Dr. Flygare’s project goal is to develop better treatments for DBA by identifying chemical compounds and molecular pathways that promote proliferation of RPS19-deficient erythroid progenitor cells.

This project has two parts: In the first part, Dr. Flygare will identify genes that when down-regulated allow RPS19-deficient erythroid progenitors to proliferate at normal levels. The findings of this study will increase understanding of DBA pathogenesis and generate a list of genes and pathways that potentially can be targeted to treat DBA.

In the second part, Dr. Flygare will use erythroid progenitors from a new and exciting Dox-inducible mouse model to screen for compounds that can rescue the RPS19-related erythroid defect. The chemical screens will lead to identification of compounds that rescue proliferation of RPS19-deficient erythroid progenitors. Such compounds will be lead compounds for development of new drugs for DBA. By studying the mechanism by which these compounds influence the proliferation of RPS19-deficienct erythroid progenitors, more will be learned about DBA pathogenesis.

The DBAF and DBAC are pleased and proud to be able to fund Dr. Flygare. This talented young investigator is well known to the DBA community, and has been supported by the DBAF throughout his career.  Dr. Flygare stated, “During my ten years of scientific training I have focused on DBA-related research. This has been an excellent preparation for becoming an independent researcher with the long-term goal to develop novel treatments for DBA.”  Dr. Flygare has completed postdoctoral fellowships in Dr. Stefan Karlsson’s lab in Lund University, Sweden and in Dr. Harvey Lodish’s lab at The Whitehead Institute for Biomedical Research, Boston, MA.  Dr. Flygare has recently established his own lab in Sweden and has earned the support and respect of many distinguished DBA researchers. We are grateful to Dr. Flygare for his continued interest in Diamond Blackfan Anemia and we wish him and his colleagues continued success.

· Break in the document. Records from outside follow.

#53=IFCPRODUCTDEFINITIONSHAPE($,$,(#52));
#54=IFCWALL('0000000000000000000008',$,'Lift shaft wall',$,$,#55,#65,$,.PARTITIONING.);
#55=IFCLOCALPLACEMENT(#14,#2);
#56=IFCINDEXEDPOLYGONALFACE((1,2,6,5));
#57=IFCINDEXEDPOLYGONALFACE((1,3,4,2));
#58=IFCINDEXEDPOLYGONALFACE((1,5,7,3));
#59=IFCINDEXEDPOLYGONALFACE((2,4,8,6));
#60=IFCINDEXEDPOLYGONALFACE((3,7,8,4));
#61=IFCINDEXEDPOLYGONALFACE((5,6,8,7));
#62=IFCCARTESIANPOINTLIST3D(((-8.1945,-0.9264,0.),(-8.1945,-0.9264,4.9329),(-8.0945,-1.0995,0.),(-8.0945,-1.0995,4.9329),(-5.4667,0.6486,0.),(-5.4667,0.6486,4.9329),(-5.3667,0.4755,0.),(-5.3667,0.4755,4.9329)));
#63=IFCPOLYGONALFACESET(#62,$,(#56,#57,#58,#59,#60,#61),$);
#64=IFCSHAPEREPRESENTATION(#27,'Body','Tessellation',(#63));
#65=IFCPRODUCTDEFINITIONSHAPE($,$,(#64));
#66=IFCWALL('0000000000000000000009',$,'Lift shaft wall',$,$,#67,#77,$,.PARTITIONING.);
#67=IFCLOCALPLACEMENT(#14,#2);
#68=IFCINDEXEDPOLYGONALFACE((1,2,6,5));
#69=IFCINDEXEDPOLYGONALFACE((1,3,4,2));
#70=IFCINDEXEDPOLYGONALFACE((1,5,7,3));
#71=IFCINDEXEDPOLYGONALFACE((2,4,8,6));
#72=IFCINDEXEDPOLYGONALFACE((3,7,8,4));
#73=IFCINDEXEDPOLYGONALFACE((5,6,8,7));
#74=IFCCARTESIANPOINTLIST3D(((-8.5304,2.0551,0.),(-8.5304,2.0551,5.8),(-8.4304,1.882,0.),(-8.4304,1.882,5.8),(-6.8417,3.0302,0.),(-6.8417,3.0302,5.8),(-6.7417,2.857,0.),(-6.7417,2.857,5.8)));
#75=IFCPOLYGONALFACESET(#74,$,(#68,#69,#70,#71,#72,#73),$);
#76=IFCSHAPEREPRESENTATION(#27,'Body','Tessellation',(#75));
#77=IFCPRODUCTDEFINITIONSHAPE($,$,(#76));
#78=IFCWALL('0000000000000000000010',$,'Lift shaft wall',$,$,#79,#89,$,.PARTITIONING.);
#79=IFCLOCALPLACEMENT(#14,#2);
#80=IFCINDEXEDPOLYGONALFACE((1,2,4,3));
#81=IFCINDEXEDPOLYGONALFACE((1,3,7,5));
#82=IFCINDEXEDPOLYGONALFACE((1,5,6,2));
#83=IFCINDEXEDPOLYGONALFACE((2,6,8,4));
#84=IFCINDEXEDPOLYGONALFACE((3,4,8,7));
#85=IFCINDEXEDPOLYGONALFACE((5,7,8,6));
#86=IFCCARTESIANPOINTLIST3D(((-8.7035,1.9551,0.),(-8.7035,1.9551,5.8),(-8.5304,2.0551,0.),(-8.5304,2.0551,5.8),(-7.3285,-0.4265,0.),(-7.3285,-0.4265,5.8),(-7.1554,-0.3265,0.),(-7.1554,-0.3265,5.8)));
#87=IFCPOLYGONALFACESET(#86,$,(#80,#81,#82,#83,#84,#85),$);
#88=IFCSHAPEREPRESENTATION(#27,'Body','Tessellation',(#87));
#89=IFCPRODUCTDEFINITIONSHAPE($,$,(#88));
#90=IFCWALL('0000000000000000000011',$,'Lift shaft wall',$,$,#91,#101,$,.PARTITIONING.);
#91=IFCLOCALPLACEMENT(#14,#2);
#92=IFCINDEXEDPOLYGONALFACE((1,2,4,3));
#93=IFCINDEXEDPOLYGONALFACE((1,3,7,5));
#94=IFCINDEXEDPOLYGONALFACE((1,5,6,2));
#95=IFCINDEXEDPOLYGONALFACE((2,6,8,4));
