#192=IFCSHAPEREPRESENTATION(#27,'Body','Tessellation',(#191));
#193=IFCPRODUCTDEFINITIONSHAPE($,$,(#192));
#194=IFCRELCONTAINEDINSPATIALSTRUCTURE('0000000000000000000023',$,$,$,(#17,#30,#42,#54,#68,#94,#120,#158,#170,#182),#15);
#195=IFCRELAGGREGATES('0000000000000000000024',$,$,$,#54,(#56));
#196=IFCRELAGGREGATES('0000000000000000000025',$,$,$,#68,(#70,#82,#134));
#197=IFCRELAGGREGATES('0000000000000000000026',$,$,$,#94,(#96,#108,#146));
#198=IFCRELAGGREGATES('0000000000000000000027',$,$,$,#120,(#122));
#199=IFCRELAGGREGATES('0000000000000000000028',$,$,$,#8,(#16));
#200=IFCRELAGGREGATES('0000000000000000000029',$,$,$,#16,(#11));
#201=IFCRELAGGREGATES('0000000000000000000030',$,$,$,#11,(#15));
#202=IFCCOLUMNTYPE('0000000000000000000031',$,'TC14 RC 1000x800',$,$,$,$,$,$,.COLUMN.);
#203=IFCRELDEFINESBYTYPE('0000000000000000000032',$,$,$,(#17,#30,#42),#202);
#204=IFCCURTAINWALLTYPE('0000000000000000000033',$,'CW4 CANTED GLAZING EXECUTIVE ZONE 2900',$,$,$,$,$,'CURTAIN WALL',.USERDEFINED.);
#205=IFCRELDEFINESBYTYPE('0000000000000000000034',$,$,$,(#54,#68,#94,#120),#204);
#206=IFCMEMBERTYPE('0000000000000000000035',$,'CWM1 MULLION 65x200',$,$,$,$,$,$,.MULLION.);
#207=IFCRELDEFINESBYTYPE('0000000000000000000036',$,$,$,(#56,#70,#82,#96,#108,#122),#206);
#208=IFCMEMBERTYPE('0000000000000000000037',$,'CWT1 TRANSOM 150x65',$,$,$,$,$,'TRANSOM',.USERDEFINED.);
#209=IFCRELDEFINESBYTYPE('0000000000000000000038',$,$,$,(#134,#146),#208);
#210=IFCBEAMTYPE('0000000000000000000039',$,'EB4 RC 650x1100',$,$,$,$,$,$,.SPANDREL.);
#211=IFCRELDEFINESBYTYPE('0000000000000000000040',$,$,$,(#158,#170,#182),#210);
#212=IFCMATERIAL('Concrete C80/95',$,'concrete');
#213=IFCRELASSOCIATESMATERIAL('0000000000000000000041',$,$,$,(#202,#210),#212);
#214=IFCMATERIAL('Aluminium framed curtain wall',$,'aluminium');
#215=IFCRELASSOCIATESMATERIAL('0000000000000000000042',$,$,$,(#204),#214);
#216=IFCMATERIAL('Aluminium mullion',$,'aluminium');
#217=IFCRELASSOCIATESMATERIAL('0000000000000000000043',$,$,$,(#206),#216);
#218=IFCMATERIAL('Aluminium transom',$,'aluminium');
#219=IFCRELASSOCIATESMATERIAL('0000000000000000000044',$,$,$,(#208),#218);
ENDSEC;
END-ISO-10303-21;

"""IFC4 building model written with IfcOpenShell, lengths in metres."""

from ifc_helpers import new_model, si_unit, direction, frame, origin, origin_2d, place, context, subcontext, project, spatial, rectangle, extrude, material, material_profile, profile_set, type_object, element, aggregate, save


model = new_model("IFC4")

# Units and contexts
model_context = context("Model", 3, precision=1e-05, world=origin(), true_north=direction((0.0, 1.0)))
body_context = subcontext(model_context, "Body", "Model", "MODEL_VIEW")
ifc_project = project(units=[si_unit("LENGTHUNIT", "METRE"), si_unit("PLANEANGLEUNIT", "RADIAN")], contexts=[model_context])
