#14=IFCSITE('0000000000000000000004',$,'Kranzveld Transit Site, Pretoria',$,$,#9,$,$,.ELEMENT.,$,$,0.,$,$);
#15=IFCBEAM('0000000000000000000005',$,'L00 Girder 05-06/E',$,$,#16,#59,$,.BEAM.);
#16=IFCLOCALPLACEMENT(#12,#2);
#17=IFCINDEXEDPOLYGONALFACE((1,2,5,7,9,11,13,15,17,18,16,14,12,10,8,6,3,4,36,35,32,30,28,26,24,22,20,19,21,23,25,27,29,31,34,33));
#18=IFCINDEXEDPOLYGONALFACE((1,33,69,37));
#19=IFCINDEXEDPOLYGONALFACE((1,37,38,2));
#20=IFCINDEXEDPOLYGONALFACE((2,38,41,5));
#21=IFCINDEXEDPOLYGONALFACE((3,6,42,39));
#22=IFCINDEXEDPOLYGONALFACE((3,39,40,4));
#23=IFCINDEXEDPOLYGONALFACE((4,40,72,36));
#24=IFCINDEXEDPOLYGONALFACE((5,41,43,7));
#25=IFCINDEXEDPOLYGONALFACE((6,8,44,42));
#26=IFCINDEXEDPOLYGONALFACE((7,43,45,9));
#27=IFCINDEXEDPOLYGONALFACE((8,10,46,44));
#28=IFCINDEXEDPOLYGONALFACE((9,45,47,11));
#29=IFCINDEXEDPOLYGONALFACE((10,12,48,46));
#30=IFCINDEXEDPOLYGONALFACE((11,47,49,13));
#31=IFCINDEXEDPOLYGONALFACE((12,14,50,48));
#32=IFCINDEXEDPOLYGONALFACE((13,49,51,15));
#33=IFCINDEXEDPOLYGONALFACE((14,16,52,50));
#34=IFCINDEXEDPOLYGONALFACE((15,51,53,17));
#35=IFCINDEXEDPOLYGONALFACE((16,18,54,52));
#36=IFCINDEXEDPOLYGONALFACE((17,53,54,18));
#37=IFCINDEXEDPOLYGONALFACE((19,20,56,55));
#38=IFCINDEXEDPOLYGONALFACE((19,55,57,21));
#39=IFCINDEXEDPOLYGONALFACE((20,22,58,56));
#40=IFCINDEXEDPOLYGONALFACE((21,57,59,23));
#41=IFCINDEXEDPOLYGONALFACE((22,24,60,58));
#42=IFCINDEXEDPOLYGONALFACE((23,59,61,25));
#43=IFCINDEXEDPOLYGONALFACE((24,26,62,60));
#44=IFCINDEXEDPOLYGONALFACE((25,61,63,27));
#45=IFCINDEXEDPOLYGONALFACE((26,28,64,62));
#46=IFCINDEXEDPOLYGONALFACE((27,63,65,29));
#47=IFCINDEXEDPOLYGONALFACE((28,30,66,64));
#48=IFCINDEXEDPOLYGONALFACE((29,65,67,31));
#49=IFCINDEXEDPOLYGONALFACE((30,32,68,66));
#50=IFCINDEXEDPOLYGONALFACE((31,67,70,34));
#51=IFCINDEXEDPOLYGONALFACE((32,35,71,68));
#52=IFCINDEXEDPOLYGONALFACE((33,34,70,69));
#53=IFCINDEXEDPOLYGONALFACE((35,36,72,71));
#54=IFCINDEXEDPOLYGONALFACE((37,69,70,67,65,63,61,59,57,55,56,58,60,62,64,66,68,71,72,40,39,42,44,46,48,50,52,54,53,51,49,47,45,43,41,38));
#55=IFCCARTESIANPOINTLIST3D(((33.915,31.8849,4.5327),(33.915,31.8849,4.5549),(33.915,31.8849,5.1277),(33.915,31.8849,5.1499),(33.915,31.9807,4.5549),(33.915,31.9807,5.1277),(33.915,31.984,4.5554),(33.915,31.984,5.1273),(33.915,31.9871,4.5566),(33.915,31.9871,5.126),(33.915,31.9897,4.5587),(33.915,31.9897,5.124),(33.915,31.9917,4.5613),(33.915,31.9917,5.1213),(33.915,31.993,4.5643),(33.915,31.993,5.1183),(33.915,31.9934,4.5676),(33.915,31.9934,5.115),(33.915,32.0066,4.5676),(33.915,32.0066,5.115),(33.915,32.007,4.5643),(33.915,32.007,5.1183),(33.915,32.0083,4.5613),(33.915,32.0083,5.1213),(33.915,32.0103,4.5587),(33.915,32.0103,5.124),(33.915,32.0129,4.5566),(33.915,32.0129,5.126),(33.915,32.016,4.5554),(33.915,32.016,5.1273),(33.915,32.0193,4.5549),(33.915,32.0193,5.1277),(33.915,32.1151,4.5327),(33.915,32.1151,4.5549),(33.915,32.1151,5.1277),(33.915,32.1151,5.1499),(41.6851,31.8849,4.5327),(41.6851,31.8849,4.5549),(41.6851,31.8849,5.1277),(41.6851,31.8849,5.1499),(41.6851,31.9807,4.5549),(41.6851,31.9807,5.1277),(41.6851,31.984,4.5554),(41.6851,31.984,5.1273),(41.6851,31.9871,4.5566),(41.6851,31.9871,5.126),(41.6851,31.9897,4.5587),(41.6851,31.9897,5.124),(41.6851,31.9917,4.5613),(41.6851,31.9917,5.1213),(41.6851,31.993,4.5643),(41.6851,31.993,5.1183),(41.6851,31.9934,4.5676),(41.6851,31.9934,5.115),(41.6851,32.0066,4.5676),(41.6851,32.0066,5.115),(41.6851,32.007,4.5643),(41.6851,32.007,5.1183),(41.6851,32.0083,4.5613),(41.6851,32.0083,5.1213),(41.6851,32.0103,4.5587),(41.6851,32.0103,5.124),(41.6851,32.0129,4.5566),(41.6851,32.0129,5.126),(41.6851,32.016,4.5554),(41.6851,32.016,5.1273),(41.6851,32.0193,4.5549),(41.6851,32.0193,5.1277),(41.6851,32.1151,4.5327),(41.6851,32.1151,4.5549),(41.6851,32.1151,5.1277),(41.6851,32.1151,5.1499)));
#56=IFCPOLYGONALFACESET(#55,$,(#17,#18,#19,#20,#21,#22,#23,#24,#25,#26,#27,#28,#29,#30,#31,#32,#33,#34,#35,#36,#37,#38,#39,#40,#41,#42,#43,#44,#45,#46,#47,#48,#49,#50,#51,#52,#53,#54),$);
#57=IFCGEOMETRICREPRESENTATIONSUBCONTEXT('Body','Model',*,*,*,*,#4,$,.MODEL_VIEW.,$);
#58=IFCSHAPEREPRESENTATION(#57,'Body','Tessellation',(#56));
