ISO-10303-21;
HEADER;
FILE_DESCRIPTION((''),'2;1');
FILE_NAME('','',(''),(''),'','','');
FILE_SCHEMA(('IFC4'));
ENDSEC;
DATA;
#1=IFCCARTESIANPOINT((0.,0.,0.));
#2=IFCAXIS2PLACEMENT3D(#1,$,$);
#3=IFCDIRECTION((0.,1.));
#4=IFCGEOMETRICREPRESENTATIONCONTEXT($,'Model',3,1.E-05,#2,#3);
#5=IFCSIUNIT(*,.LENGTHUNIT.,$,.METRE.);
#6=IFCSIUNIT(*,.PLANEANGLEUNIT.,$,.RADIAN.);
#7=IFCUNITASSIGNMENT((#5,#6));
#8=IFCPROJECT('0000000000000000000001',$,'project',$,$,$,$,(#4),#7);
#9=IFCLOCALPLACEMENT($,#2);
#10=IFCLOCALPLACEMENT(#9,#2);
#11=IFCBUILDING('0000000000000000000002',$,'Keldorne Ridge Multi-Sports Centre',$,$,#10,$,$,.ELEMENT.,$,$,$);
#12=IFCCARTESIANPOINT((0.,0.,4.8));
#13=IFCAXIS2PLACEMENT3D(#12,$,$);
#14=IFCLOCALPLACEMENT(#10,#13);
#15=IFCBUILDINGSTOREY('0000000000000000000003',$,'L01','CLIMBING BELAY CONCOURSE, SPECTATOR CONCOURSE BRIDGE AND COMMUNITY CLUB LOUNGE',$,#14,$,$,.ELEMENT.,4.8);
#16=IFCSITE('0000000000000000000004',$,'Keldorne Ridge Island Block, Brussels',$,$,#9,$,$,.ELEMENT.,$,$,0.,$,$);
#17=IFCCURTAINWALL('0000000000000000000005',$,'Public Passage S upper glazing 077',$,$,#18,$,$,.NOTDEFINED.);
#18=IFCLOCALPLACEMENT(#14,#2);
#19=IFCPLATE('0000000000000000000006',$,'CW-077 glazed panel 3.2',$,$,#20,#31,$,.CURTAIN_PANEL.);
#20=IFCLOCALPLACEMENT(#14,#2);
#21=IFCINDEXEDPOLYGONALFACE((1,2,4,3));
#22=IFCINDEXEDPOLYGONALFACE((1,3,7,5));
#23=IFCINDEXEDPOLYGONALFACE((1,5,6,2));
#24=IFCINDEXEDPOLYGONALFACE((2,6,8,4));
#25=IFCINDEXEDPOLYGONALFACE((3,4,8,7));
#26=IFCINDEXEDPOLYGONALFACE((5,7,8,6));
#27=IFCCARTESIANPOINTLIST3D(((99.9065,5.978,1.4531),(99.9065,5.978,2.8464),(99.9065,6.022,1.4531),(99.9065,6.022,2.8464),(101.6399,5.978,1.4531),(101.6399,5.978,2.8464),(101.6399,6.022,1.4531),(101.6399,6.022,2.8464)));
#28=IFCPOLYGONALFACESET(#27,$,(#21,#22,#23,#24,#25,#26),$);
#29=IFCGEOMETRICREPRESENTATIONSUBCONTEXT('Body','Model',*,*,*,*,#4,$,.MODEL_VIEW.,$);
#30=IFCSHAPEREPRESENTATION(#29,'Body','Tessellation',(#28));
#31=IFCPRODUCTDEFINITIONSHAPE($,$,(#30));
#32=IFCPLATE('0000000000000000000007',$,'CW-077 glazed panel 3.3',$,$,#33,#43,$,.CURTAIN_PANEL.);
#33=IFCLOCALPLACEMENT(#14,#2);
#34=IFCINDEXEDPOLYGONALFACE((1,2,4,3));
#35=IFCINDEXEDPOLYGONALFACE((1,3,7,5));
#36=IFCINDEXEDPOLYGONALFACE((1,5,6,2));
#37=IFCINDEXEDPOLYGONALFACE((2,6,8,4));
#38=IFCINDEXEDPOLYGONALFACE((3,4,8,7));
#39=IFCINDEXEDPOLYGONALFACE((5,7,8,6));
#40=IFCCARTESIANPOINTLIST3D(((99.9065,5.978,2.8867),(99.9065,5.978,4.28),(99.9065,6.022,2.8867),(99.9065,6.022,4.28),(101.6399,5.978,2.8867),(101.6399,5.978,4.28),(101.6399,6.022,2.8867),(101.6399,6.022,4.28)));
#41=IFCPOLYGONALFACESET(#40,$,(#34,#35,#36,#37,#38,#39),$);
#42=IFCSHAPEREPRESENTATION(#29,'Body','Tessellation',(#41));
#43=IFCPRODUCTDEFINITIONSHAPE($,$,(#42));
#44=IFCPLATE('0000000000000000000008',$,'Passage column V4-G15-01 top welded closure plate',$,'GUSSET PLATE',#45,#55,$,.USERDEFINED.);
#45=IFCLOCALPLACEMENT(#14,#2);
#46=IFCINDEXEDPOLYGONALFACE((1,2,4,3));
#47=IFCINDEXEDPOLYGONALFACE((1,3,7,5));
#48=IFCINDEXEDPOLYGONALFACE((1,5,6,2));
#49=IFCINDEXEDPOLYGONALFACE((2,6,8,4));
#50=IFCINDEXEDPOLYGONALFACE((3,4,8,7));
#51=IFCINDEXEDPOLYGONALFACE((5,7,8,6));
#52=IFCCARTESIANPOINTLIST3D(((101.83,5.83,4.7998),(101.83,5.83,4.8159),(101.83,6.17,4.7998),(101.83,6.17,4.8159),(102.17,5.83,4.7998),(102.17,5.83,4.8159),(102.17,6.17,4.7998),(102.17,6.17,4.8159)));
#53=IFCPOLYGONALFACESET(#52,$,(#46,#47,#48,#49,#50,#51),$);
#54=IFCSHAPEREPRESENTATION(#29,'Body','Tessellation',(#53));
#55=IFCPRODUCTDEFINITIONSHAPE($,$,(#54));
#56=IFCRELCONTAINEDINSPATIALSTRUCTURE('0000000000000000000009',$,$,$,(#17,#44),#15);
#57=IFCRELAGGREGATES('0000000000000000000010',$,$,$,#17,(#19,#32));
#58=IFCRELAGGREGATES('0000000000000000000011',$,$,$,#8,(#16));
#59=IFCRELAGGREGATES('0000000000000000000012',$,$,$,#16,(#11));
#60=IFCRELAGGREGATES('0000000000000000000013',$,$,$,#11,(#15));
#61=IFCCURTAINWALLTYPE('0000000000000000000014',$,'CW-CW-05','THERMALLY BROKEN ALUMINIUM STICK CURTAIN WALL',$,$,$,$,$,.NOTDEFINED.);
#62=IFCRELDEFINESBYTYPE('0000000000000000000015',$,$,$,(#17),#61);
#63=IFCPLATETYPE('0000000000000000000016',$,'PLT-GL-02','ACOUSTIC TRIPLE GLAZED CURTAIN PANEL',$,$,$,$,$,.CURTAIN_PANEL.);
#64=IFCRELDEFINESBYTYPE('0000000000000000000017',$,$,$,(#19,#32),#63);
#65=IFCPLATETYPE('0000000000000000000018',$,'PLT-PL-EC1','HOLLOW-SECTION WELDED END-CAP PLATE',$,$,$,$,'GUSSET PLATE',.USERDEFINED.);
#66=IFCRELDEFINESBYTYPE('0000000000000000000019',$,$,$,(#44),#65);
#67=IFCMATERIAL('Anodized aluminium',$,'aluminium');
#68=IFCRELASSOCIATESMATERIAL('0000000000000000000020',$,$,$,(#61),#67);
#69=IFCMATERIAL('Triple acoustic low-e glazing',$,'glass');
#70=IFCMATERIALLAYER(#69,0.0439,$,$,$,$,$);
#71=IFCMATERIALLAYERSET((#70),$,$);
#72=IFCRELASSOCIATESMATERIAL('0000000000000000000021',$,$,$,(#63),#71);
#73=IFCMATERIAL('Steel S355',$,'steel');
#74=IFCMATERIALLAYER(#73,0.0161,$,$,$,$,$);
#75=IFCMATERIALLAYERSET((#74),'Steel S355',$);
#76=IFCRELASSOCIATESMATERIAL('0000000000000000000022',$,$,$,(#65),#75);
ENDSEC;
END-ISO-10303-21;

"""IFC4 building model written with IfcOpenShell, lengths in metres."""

from ifc_helpers import new_model, si_unit, direction, frame, origin, origin_2d, place, context, subcontext, project, spatial, rectangle, extrude, material, layer, layer_set, type_object, element, aggregate, save


model = new_model("IFC4")

# Units and contexts
model_context = context("Model", 3, precision=1e-05, world=origin(), true_north=direction((0.0, 1.0)))
body_context = subcontext(model_context, "Body", "Model", "MODEL_VIEW")
ifc_project = project(units=[si_unit("LENGTHUNIT", "METRE"), si_unit("PLANEANGLEUNIT", "RADIAN")], contexts=[model_context])

# Site, building, storey
site_placement = place(None, origin())
site = spatial("IfcSite", under=ifc_project, at=site_placement, Name="Keldorne Ridge Island Block, Brussels", CompositionType="ELEMENT", RefElevation=0.0)
building_placement = place(site_placement, origin())
building = spatial("IfcBuilding", under=site, at=building_placement, Name="Keldorne Ridge Multi-Sports Centre", CompositionType="ELEMENT")
storey_placement = place(building_placement, frame((0.0, 0.0, 4.8)))
storey = spatial("IfcBuildingStorey", under=building, at=storey_placement, Name="L01", Description="CLIMBING BELAY CONCOURSE, SPECTATOR CONCOURSE BRIDGE AND COMMUNITY CLUB LOUNGE", CompositionType="ELEMENT", Elevation=4.8)

# Shared definitions
ifc_material_1 = material(Name="Steel S355", Category="steel")

# Curtain wall
ifc_material_2 = material(Name="Anodized aluminium", Category="aluminium")
curtain_wall_type = type_object("IfcCurtainWallType", Name="CW-CW-05", Description="THERMALLY BROKEN ALUMINIUM STICK CURTAIN WALL", PredefinedType="NOTDEFINED", material=ifc_material_2)
curtain_wall_placement = place(storey_placement, origin())
curtain_wall = element("IfcCurtainWall", 1, at=curtain_wall_placement, inside=storey, type_object=curtain_wall_type, Name="Public Passage S upper glazing 077", PredefinedType="NOTDEFINED")

# Plates
ifc_material_3 = material(Name="Triple acoustic low-e glazing", Category="glass")
ifc_layer_1 = layer(ifc_material_3, 0.0439)
ifc_layer_set_1 = layer_set([ifc_layer_1])
plate_type_1 = type_object("IfcPlateType", Name="PLT-GL-02", Description="ACOUSTIC TRIPLE GLAZED CURTAIN PANEL", PredefinedType="CURTAIN_PANEL", material=ifc_layer_set_1)
plate_1_placement = place(storey_placement, frame((100.7732, 6.0, 1.4531), z_axis=(0.0, 0.0, 1.0), x_axis=(1.0, 0.0, 0.0)))
plate_1 = element("IfcPlate", 2, at=plate_1_placement, type_object=plate_type_1, Name="CW-077 glazed panel 3.2", PredefinedType="CURTAIN_PANEL", context=body_context, shape_type="SweptSolid", body=[
    extrude(rectangle(XDim=1.7334, YDim=0.0439, at=origin_2d()), origin(), (0.0, 0.0, 1.0), 1.3933),
])
plate_2_placement = place(storey_placement, frame((100.7732, 6.0, 2.8867), z_axis=(0.0, 0.0, 1.0), x_axis=(1.0, 0.0, 0.0)))
plate_2 = element("IfcPlate", 3, at=plate_2_placement, type_object=plate_type_1, Name="CW-077 glazed panel 3.3", PredefinedType="CURTAIN_PANEL", context=body_context, shape_type="SweptSolid", body=[
    extrude(rectangle(XDim=1.7334, YDim=0.0439, at=origin_2d()), origin(), (0.0, 0.0, 1.0), 1.3933),
])
aggregate(curtain_wall, [plate_1, plate_2])
ifc_layer_2 = layer(ifc_material_1, 0.0161)
ifc_layer_set_2 = layer_set([ifc_layer_2], Name="Steel S355")
plate_type_2 = type_object("IfcPlateType", Name="PLT-PL-EC1", Description="HOLLOW-SECTION WELDED END-CAP PLATE", ElementType="GUSSET PLATE", PredefinedType="USERDEFINED", material=ifc_layer_set_2)
plate_3_placement = place(storey_placement, frame((102.0, 6.0, 4.7998), z_axis=(0.0, 0.0, 1.0), x_axis=(1.0, 0.0, 0.0)))
element("IfcPlate", 4, at=plate_3_placement, inside=storey, type_object=plate_type_2, Name="Passage column V4-G15-01 top welded closure plate", ObjectType="GUSSET PLATE", PredefinedType="USERDEFINED", context=body_context, shape_type="SweptSolid", body=[
    extrude(rectangle(XDim=0.3401, YDim=0.3401, at=origin_2d()), origin(), (0.0, 0.0, 1.0), 0.0161),
])

save(model, "model.ifc")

The DBAF is also proud to fund Dr. Irma Dianzani’s project entitled: Understanding the causes of remission in DBA patients.

Dr. Irma Dianzani

Dr. Dianzani, Professor, University of Eastern Piedmont, Novara, Italy was awarded an initial $30,000 to begin her important research, with the intent of funding an additional $30,000 based on the progress of her findings and the availability of funds.

The goal of this project is to understand the molecular basis of remission in DBA patients. While remission occurs in approximately 20% of patients, the causes are unknown. Dr. Dianzani proposes to identify genes that, when mutated, lead to remission in DBA patients. The identification of genetic and molecular alterations resulting in disease remission is anticipated to reveal novel genetic and/or molecular pathways that may be therapeutically targeted in DBA treatment. Buona fortuna Dr. Dianzani and team!

Last Summer at Camp Sunshine, the Diamond Blackfan Anemia Foundation presented Hanna Gazda, MD, Ph.D a check for $51,512 towards her project entitled: New gene discoveries and biology of ribosomes in Diamond Blackfan Anemia.

Dr. Hanna Gazda

The DBAF is  proud to once again support her continuing efforts on this important project and has awarded Dr. Gazda, Instructor in Pediatrics, Harvard University, Children’s Hospital Boston, $41,028 to continue her efforts in identifying genes mutated in DBA patients. Dr. Gazda has played a major role in the identification of several of the known DBA genes.  Further, her discoveries have clearly established DBA as a ribosomopathy which has helped direct research efforts on many aspects of the disorder. We are grateful to Dr. Gazda for her commitment to Diamond Blackfan Anemia and wish her and her colleagues continued success!